Many slurm systems have a limit on the running time of a job (e.g., 2 days), which is far less than the time required for 30 epochs on LAION400M. We recommend to leverage the `--stop_epochs` and `--resume` options. By setting `--stop_epochs`, the training will stop after the specified epoch. And by setting `--resume`, the training will resume at the specified checkpoint. Then the user can construct an array of jobs such that the `--resume` of a job points to the checkpoint where its preceding job stops.
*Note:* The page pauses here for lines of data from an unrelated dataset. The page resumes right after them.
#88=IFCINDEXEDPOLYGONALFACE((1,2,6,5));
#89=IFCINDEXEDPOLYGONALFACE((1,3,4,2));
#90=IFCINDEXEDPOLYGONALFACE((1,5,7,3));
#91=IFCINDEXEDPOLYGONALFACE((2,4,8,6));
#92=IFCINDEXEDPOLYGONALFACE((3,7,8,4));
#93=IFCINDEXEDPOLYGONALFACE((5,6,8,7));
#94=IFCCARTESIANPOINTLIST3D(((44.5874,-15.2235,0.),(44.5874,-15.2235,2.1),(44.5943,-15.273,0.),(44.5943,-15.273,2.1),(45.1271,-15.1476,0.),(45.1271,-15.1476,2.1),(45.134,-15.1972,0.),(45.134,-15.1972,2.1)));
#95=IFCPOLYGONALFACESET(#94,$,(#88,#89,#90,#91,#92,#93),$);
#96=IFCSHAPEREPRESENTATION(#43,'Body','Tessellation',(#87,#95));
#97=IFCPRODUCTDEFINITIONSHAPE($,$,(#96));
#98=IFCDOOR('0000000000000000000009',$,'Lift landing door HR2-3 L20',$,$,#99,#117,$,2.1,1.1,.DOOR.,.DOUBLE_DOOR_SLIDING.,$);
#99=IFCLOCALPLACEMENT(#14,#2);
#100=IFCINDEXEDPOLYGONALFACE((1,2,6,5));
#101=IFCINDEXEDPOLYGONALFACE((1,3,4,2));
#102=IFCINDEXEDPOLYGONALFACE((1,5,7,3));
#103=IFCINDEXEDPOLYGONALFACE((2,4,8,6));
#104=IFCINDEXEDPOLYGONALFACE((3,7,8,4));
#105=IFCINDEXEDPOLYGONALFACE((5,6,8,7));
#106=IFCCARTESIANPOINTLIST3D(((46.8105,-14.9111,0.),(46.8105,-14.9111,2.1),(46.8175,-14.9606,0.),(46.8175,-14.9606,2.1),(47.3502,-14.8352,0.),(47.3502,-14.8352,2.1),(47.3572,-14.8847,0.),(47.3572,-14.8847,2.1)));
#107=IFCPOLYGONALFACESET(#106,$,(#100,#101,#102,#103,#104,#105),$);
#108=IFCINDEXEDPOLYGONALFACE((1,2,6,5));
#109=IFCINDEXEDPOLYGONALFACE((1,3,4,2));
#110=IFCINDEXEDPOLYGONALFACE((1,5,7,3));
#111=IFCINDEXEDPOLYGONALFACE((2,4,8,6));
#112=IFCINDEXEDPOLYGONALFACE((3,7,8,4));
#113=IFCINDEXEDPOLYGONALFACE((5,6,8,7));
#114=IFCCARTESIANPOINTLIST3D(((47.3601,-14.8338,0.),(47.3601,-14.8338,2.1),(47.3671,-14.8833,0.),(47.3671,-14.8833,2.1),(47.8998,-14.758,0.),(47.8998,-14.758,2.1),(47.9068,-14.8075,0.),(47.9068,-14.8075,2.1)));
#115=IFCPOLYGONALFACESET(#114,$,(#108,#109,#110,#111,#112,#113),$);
Below is a sample script that stops after the third epoch.
```bash
#!/bin/bash
#SBATCH --time=2-00:00:00
#SBATCH --mem=120G
#SBATCH --nodes=4
#SBATCH --gres=gpu:4
#SBATCH --ntasks-per-node=4
#SBATCH --cpus-per-task=6
#SBATCH --wait-all-nodes=1
#SBATCH --job-name=fastclipv3
#SBATCH --partition=gpu
#SBATCH --output=%x_%j.log

source ~/.bashrc
conda activate fastclip

master_addr=$(scontrol show hostnames "$SLURM_JOB_NODELIST" | head -n 1)
export MASTER_ADDR=$master_addr
export MASTER_PORT=12805

export CUDA_VISIBLE_DEVICES='0,1,2,3'
export PYTHONPATH="$PYTHONPATH:$PWD/src"
export HUGGINGFACE_HUB_CACHE='./checkpoints/huggingface'

srun python -u src/training/main.py \
    --save-frequency 1 \
    --train-data './datasets/laion400m/laion400m-data/{00000..41407}.tar' \
    --train-num-samples 315658316 --data_size 414080000 \
    --warmup 13200 \
    --batch-size 320 \
    --epochs 30 \
    --workers 6 \
    --model ViT-B-16 \
    --name xlarge_fastclipv3 \
    --seed 2024 \
    --profile \
    --wd 0.2 \
    --local-loss \
    --fastclip --multiply_tau --temperature_scheme global_learnable \
    --lr 2e-4 --lr_min 4e-5 --lr_tau 5e-5 --lr_tau_scheduler step_thresh --rho 16.0 \
    --gamma 0.8 --gamma_schedule cosine --gamma_decay_epochs 10 \
    --fastclip_eps 1e-6 \
    --stop_epochs 3
```

</details>

**Non-slurm Training**: For non-slurm training, please set `master_addr` manually (e.g., `127.0.0.1`), change `srun python -u src/training/main.py` to `cd src && torchrun --nproc_per_node=4 --rdzv_endpoint=$master_addr -m training.main`, and run the above script with `/bin/bash`.

### Evaluation

<details open>
    <summary>Sample slurm script to evaluate a trained CLIP model (specified by <code>--resume</code>) on <b>ImageNet-1k</b>:</summary>

```bash
#!/bin/bash
#SBATCH --time=01:00:00
#SBATCH --mem=20G
#SBATCH --nodes=1
#SBATCH --gres=gpu:1
#SBATCH --ntasks-per-node=1
#SBATCH --cpus-per-task=6
#SBATCH --job-name=eval_fastclip
#SBATCH --partition=gpu
#SBATCH --output=%x_%j.log

source ~/.bashrc
conda activate fastclip

master_addr=$(scontrol show hostnames "$SLURM_JOB_NODELIST" | head -n 1)
export MASTER_ADDR=$master_addr
export MASTER_PORT=12802

export PYTHONPATH="$PYTHONPATH:$PWD/src"
export HUGGINGFACE_HUB_CACHE='./checkpoints/huggingface'

srun python -u src/training/main.py \
    --resume ./logs/medium_fastclipv3/checkpoints/epoch_37.pt \
    --zeroshot-frequency 1 \
    --imagenet-val ./datasets/imagenet/val \
    --batch-size 512 \
    --epochs 0 \
    --workers 6 \
    --model RN50 \
    --name eval_medium_fastclipv3_epoch_37 \
    --seed 2024
```

</details>

**Datacomp**: For evaluation on the Datacomp benchmark, please refer to the "Evaluation" section in the [Datacomp repository](https://github.com/mlfoundations/datacomp?tab=readme-ov-file#evaluation).

**Non-slurm Training**: For non-slurm training, please set `master_addr` manually (e.g., `127.0.0.1`), change `srun python -u src/training/main.py` to `python src/training/main.py`, and run the above script with `/bin/bash`.